Let's look at what is generally known:
Time domain is generally inversely related to frequency domain in as much as if you have a narrow width in the time domain the frequency domain spectrum will be wider. and vice versa. When you have narrower time domain pulses you need higher frequencies to represent it in the frequency domain therefore more bandwidth -> wider plot.
Looking at your sinc function to find when the function will go to zero you simply need to look at the sin aspect of it. At what values does sin = \$0\$ ? Answer \$ 0, \pi , 2\pi , 3\pi \$ ... That means the value \$ {\tau}f = 0, \pi.2\pi,3\pi ... \$
There is one exception here, as \$ {\tau}f\$ -> \$0\$ sinc ->\$1\$ becasue the sin and the \$\tau\$ cancel in the limit. so you only need to look at \$\pi,2\pi,3\pi, ...\$
Lets pick \$\tau=1\$ then the rect function will run from \$ -\frac{\tau}{2}\$ to \$ \frac{\tau}{2}\$ and the first zero in the frequency domain will be at f=1.
Lets pick \$\tau=2\$ then the rect function will run from \$ -\frac{\tau}{1}\$ to \$ \frac{\tau}{1}\$ and the first zero in the frequency domain will be at f=\$\frac{1}{2}\$.
a wider time pulse means a narrower frequency band.
Lets pick \$\tau=\frac{1}{2}\$ then the rect function will run from \$ -\frac{\tau}{4}\$ to \$ \frac{\tau}{4}\$ and the first zero in the frequency domain will be at f=\$\frac{2}{1}= 2\$.
a narrower time pulse means a wider frequency band.
How do you calculate the power and energy of a signal given only the frequency domain form of the signal function?
For power you do it in exactly the same way that you would in the time domain;
Time domain: \$ P(t)=V(t)I(t) \$
S-Domain: \$ \tilde{P}(\omega)=\tilde{V}(\omega)\tilde{I}(\omega) \$
If you don't know \$ \tilde{V}(\omega) \$ and \$ \tilde{I}(\omega) \$ Then the situation is the same as if you were to try and calculate the power in the time domain without knowing \$ V(t) \$ and \$ I(t) \$, it is not possible.
For energy you pick any number you like..

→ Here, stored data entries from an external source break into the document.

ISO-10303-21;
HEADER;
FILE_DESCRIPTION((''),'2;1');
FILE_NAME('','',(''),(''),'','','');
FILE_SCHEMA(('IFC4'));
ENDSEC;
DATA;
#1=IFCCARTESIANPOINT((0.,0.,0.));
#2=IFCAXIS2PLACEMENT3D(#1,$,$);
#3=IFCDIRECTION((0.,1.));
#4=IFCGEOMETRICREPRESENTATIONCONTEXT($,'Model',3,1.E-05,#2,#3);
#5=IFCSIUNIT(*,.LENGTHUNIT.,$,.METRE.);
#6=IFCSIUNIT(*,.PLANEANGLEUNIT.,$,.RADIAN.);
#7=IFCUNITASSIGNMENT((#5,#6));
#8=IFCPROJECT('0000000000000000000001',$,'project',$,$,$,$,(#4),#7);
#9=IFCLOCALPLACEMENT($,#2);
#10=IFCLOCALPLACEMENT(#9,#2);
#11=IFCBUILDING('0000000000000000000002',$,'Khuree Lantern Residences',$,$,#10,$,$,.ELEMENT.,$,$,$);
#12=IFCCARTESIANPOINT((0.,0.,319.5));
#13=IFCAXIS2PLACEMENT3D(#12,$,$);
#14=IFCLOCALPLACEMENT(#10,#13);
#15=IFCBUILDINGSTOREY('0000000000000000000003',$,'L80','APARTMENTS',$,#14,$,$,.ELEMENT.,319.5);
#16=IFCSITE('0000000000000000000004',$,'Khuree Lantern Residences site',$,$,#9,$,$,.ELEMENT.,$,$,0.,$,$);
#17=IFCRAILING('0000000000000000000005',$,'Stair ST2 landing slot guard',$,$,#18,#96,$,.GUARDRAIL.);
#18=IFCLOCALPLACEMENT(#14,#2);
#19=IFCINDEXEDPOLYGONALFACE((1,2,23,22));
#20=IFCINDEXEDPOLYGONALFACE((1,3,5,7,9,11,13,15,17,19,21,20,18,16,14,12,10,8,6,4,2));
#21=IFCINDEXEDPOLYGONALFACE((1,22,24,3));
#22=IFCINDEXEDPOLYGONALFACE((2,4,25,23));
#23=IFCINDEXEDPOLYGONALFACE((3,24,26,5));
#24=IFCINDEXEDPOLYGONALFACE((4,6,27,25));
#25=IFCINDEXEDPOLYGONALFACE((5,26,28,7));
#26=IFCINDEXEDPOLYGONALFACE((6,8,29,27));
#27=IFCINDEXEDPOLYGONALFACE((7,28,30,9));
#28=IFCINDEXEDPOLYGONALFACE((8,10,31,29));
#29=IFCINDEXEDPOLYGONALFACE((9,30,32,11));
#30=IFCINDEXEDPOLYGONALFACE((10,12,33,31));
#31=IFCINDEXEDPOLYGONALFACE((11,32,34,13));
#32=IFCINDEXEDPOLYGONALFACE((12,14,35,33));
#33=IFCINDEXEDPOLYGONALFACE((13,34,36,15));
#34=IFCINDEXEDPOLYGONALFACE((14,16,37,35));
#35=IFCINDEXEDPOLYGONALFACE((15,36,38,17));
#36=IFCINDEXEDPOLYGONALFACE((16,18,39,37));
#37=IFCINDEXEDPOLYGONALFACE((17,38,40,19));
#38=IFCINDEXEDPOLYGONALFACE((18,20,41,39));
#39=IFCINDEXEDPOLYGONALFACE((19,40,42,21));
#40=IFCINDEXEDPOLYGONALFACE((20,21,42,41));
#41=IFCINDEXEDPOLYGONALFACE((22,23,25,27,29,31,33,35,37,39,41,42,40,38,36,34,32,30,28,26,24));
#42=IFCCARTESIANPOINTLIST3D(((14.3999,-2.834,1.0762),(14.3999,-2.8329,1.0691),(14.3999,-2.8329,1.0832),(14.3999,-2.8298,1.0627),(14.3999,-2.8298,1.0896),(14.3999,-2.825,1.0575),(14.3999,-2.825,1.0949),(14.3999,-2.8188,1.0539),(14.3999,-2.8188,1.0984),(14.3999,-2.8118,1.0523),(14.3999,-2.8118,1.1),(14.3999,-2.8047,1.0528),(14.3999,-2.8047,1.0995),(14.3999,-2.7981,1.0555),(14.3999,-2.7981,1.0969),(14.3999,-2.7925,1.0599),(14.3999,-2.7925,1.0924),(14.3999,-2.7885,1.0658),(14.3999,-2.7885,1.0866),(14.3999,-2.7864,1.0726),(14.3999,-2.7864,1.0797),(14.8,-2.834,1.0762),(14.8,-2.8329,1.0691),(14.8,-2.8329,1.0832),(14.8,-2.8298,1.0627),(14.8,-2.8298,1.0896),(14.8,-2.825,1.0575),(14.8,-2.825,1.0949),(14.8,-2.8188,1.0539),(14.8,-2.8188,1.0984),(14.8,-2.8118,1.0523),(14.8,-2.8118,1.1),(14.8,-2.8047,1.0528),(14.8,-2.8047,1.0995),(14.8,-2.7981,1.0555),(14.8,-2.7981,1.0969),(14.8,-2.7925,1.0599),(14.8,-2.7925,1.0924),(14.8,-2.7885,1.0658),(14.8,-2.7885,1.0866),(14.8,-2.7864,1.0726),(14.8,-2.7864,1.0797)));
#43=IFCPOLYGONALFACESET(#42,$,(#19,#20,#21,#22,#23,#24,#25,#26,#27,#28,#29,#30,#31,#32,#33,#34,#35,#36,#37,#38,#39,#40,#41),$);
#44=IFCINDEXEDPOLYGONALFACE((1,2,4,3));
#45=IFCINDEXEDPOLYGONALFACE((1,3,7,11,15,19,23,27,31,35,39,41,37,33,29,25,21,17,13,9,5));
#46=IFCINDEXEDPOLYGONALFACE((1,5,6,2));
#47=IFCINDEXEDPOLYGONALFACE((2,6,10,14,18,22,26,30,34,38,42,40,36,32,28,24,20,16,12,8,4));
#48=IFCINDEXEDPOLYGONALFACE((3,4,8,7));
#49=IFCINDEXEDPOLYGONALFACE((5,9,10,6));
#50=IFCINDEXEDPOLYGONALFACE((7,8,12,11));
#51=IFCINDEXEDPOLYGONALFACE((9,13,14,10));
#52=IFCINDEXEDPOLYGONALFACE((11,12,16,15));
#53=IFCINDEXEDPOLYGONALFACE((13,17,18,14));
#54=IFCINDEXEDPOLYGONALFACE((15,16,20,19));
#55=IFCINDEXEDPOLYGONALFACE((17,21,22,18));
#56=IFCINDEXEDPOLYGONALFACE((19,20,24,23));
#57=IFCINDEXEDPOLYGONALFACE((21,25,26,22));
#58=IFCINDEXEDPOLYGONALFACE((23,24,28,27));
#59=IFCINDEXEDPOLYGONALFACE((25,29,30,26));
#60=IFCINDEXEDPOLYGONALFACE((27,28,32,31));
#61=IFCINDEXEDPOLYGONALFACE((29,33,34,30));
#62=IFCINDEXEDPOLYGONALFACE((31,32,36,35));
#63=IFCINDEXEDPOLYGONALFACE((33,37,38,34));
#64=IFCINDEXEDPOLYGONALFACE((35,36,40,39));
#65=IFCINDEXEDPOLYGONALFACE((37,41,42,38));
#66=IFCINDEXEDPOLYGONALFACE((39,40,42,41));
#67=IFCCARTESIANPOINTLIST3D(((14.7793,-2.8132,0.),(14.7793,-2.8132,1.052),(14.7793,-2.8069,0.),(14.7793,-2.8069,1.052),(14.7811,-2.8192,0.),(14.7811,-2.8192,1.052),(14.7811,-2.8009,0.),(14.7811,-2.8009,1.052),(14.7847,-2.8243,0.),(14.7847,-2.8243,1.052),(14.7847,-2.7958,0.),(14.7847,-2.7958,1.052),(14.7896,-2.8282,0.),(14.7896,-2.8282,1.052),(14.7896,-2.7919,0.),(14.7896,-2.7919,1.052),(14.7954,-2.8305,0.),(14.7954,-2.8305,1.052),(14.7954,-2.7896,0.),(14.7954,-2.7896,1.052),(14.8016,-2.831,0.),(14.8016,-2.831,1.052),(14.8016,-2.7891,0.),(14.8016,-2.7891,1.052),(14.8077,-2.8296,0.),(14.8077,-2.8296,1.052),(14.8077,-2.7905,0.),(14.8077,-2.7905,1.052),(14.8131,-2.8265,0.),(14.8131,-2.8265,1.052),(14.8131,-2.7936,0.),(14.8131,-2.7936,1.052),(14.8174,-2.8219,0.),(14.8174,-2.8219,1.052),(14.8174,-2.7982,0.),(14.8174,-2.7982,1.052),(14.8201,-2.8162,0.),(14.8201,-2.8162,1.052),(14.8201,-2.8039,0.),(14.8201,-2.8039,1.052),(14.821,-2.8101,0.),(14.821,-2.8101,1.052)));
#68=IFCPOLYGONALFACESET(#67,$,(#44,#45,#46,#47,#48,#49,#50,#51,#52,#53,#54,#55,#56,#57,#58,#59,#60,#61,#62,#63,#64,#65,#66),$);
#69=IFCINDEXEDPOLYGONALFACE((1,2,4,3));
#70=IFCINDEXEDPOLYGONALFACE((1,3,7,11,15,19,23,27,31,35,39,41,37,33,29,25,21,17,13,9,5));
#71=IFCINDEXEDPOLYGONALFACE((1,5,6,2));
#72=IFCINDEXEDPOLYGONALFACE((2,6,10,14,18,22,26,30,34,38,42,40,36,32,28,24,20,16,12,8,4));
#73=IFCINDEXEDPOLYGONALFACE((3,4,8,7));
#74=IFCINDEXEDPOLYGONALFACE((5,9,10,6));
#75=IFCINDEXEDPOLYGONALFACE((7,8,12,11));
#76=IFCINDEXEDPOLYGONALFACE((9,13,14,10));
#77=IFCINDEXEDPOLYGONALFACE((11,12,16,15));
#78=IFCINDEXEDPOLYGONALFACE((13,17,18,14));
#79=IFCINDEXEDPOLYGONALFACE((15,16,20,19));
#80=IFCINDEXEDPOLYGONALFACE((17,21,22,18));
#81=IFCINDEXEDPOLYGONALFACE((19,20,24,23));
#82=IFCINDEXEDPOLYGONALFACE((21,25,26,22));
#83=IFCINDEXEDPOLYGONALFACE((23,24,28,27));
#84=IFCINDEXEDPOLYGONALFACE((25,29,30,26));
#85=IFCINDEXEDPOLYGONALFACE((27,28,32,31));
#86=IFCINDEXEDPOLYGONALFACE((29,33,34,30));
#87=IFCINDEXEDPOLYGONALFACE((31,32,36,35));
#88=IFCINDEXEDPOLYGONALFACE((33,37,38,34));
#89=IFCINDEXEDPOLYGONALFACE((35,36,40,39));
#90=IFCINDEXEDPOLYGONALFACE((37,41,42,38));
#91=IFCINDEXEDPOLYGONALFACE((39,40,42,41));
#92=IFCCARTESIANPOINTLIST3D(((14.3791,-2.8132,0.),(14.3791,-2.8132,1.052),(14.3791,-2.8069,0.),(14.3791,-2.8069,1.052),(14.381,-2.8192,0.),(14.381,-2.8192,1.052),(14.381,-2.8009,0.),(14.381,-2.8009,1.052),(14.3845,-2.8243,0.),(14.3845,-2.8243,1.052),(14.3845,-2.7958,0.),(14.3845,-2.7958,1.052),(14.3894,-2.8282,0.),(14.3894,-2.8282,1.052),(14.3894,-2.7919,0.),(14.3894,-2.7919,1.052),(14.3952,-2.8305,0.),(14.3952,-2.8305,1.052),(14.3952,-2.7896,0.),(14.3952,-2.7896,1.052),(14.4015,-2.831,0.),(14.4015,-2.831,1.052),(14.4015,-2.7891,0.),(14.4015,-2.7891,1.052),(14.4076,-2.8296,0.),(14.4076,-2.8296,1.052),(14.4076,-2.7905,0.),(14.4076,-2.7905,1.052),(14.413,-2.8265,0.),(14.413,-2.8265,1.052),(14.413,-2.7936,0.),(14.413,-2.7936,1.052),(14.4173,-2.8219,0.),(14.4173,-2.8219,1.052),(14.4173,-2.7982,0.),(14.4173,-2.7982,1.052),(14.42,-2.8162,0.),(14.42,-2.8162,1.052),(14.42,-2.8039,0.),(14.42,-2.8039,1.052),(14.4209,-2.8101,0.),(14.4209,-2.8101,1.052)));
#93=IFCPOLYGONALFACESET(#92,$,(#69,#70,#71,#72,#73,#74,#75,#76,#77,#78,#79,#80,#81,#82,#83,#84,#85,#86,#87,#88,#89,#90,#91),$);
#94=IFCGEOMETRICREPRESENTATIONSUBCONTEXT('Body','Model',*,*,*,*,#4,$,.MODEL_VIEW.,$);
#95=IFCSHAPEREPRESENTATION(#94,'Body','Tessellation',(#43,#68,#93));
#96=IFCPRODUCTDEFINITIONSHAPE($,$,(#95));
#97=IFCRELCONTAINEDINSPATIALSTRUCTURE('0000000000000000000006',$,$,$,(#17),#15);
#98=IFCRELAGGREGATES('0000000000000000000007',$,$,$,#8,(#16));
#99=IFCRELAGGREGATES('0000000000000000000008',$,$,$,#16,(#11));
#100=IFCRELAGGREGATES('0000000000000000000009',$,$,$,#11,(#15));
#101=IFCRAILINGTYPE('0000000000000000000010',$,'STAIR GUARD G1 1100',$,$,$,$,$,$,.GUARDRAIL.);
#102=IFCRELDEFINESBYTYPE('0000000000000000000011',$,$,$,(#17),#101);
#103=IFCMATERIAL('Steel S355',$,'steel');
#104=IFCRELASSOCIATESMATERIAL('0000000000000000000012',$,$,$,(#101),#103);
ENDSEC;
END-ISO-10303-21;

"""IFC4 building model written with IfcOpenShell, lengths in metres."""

from ifc_helpers import new_model, si_unit, direction, frame, origin, origin_2d, place, context, subcontext, project, spatial, circle, extrude, material, type_object, element, save


model = new_model("IFC4")

# Units and contexts
model_context = context("Model", 3, precision=1e-05, world=origin(), true_north=direction((0.0, 1.0)))
body_context = subcontext(model_context, "Body", "Model", "MODEL_VIEW")
ifc_project = project(units=[si_unit("LENGTHUNIT", "METRE"), si_unit("PLANEANGLEUNIT", "RADIAN")], contexts=[model_context])

# Site, building, storey
site_placement = place(None, origin())
site = spatial("IfcSite", under=ifc_project, at=site_placement, Name="Khuree Lantern Residences site", CompositionType="ELEMENT", RefElevation=0.0)
building_placement = place(site_placement, origin())
building = spatial("IfcBuilding", under=site, at=building_placement, Name="Khuree Lantern Residences", CompositionType="ELEMENT")
storey_placement = place(building_placement, frame((0.0, 0.0, 319.5)))
storey = spatial("IfcBuildingStorey", under=building, at=storey_placement, Name="L80", Description="APARTMENTS", CompositionType="ELEMENT", Elevation=319.5)

# Railing
ifc_material_1 = material(Name="Steel S355", Category="steel")
railing_type_1 = type_object("IfcRailingType", Name="STAIR GUARD G1 1100", PredefinedType="GUARDRAIL", material=ifc_material_1)
railing_1_placement = place(storey_placement, frame((14.8, -2.8101, 0.0)))
element("IfcRailing", 1, at=railing_1_placement, inside=storey, type_object=railing_type_1, Name="Stair ST2 landing slot guard", PredefinedType="GUARDRAIL", context=body_context, shape_type="SweptSolid", body=[
    extrude(circle(Radius=0.0239, at=origin_2d()), frame((0.0, 0.0, 1.0762), z_axis=(-1.0, 0.0, 0.0), x_axis=(0.0, -1.0, 0.0)), (0.0, 0.0, 1.0), 0.4001),
    extrude(circle(Radius=0.021, at=origin_2d()), origin(), (0.0, 0.0, 1.0), 1.052),
    extrude(circle(Radius=0.021, at=origin_2d()), frame((-0.4001, 0.0, 0.0)), (0.0, 0.0, 1.0), 1.052),
])

save(model, "model.ifc")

The s-domain does not care about time. If we assume that you have a signal at 1kHz with a power of 1W. if you observe this signal for 1s in the time domain then the energy is 1J, is you observe it for 1000s in the time domain then the energy is 1kJ.
Best Answer
Many people mistake necessary and sufficient reasons. Or if they don't mistake them, they don't spell out the difference, thinking it's obvious.
A time-limited signal will be unlimited in the frequency domain.
It's necessary that a signal be time unlimited, for it to be able to have a limited band in the frequency domain, but that's still not sufficient.
We can construct the spectrum of the rectangular pulse train using the convolution rule. As the rectangular pulse train is a pulse, convolved with an infinite series of impulses, its spectrum will be the spectrum of the pulse, multiplied by the spectrum of an infinite series of impulses.
As the spectrum of an infinite series of impulses is itself an infinite series of impulses, the total spectrum will still go out to infinity.
If instead you had a time signal that was a rectangular pulse convolved with (say) a Gaussian pulse (which is limited in both time and in its spectrum), then the spectrum of that would indeed be frequency limited.